I have the klein hand tapper, and just saw these today....

looks like im getting them for my impact too!


----------



## Wireless (Jan 22, 2007)

Frasbee said:


> I've seen these things in supply houses, but it seemed gimmicky.
> 
> A guy at work has them and I used the 1/4-20 bit, in an 18volt impact driver. I was worried the impact might strip the threads, but the guy said he's never had that problem.
> 
> ...


It is a deburring tool not a countersink. That was one of those tools which I didn't think were worth the expense, once I bought it I was kicking myself for waiting so long!


----------



## jza (Oct 31, 2009)

Weird, not many people tap **** up here. We use self threading screws.


----------



## Southeast Power (Jan 18, 2009)

nitro71 said:


> They break easy.. I won't buy em.. Anything that needs counter sinking will snap those off.


Interesting, I use them only in my impact and cant remember breaking one.


----------



## MDShunk (Jan 7, 2007)

Ive had the DTAP kit for about 3 years. I wouldnt be without it now. Keep it in my drill case, I use it that often.


----------



## SparkYZ (Jan 20, 2010)

Keep it in my toolbag, with me everyday. Great kit, worth the money. Buy extra 632 and 832 bits, I've broken a few over the years.


----------



## freeagnt54 (Aug 6, 2008)

I use them every once in a while in my dewalt18v impact. I've only broke the 1/4-20 so far but that was after drilling 12 or so holes in 1/4" steel.


----------



## I_get_shocked (Apr 6, 2009)

They're cool. They break easily though.


----------



## B4T (Feb 10, 2009)

It is a good idea to have a 1/8" bit to make a pilot hole for the drill/tap..

That will keep the more important drill/tap sharp because of less wear and tear.. :thumbsup:


----------



## B4T (Feb 10, 2009)

I_get_shocked said:


> They're cool. They break easily though.
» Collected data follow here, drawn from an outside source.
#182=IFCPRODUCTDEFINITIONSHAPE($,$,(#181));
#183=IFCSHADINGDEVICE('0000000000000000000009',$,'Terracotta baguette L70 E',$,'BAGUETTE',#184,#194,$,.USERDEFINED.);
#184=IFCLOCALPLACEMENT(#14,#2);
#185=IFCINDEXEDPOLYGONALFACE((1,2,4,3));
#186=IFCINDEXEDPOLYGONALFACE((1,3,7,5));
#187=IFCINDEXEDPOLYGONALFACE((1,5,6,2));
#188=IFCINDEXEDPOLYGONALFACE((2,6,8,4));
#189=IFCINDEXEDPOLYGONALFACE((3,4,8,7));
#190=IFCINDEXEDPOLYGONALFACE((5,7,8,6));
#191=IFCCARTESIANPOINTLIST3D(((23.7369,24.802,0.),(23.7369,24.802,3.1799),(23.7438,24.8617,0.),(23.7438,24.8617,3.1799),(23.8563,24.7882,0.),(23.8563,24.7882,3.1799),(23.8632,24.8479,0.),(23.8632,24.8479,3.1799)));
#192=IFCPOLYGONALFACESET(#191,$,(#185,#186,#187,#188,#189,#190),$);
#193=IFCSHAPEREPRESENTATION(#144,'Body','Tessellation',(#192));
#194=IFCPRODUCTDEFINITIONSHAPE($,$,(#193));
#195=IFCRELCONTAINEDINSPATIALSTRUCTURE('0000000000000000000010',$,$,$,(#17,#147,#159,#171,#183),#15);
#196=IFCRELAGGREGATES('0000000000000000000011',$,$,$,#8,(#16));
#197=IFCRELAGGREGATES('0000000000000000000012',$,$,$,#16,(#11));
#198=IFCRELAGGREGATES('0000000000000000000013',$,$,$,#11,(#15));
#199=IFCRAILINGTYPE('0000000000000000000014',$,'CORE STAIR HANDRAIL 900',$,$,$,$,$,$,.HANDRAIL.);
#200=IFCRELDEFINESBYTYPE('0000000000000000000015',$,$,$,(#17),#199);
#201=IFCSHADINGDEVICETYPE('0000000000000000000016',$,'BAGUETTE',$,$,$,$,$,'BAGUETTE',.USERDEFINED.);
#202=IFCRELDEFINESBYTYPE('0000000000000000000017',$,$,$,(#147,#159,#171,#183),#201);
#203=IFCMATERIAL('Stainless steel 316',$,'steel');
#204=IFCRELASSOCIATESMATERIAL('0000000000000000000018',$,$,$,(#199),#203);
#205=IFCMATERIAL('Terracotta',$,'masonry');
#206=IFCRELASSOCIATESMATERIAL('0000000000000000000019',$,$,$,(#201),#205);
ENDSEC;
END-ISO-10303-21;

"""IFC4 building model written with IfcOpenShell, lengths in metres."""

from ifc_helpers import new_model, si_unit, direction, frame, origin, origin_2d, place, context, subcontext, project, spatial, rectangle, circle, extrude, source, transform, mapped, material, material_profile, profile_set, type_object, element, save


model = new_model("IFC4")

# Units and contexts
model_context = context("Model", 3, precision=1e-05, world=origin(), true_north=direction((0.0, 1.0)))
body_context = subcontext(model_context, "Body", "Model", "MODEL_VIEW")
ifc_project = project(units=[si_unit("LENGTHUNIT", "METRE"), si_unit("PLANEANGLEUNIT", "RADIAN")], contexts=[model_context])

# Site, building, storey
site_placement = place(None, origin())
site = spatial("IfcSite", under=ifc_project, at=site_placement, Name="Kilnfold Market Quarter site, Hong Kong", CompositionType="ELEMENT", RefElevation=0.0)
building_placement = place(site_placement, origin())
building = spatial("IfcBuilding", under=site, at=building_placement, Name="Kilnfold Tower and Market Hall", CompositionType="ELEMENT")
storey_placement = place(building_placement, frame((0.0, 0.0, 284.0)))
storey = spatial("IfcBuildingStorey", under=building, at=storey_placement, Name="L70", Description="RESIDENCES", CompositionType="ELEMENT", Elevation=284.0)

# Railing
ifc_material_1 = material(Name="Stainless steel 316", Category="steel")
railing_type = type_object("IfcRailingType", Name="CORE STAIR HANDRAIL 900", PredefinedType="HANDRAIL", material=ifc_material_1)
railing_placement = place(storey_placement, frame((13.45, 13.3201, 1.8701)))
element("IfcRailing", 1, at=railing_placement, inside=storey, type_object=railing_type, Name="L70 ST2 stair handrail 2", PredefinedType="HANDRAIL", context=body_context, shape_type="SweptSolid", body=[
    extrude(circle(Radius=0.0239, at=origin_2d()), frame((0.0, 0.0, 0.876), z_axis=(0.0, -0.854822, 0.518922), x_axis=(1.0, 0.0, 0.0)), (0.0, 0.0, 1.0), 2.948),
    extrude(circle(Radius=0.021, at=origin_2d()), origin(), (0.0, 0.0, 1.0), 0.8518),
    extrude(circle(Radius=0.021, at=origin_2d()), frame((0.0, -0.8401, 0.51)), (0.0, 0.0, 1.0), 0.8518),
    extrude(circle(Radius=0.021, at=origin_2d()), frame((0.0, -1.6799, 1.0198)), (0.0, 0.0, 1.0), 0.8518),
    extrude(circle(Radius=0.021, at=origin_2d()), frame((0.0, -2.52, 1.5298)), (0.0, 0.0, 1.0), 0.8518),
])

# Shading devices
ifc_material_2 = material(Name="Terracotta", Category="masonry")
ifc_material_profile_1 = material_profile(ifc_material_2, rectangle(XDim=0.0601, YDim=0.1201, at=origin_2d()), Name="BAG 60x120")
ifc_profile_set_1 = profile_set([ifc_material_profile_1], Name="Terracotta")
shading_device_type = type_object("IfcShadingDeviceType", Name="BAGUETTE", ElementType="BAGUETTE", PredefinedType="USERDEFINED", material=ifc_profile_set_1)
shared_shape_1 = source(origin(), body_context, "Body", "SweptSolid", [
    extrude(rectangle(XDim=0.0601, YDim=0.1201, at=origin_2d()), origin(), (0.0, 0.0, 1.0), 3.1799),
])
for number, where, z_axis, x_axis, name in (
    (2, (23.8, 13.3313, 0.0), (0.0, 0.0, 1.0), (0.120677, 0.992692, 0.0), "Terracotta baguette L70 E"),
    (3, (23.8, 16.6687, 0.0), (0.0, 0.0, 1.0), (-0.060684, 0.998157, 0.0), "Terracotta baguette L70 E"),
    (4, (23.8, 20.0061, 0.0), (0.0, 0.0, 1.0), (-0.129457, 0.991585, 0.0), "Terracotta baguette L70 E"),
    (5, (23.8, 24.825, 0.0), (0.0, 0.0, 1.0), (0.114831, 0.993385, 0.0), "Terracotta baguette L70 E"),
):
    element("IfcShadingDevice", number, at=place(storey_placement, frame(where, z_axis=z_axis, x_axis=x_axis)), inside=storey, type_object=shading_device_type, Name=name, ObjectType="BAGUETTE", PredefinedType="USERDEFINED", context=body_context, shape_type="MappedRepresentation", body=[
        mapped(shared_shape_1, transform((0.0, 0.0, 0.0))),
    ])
Have to go slow.. easy.. and gentle.. practice breathing techniques first.. :laughing:


----------



## jwjrw (Jan 14, 2010)

I_get_shocked said:


> They're cool. They break easily though.




I use them in my 10.8 driver and have only broke one. I put it in a bind. I mainly use them for tapping boxes. For that they are a huge time saver.


----------



## Jmohl (Apr 26, 2011)

jza said:


> Weird, not many people tap **** up here. We use self threading screws.


you aint gonna run a self tapper into the frame of a 100ton punch press, I assure you....


----------



## thegoldenboy (Aug 15, 2010)

I've had the Greenlee kit for the last 2 or so years, they've come in handy many times.


----------



## HARRY304E (Sep 15, 2010)

thegoldenboy said:


> I've had the Greenlee kit for the last 2 or so years, they've come in handy many times.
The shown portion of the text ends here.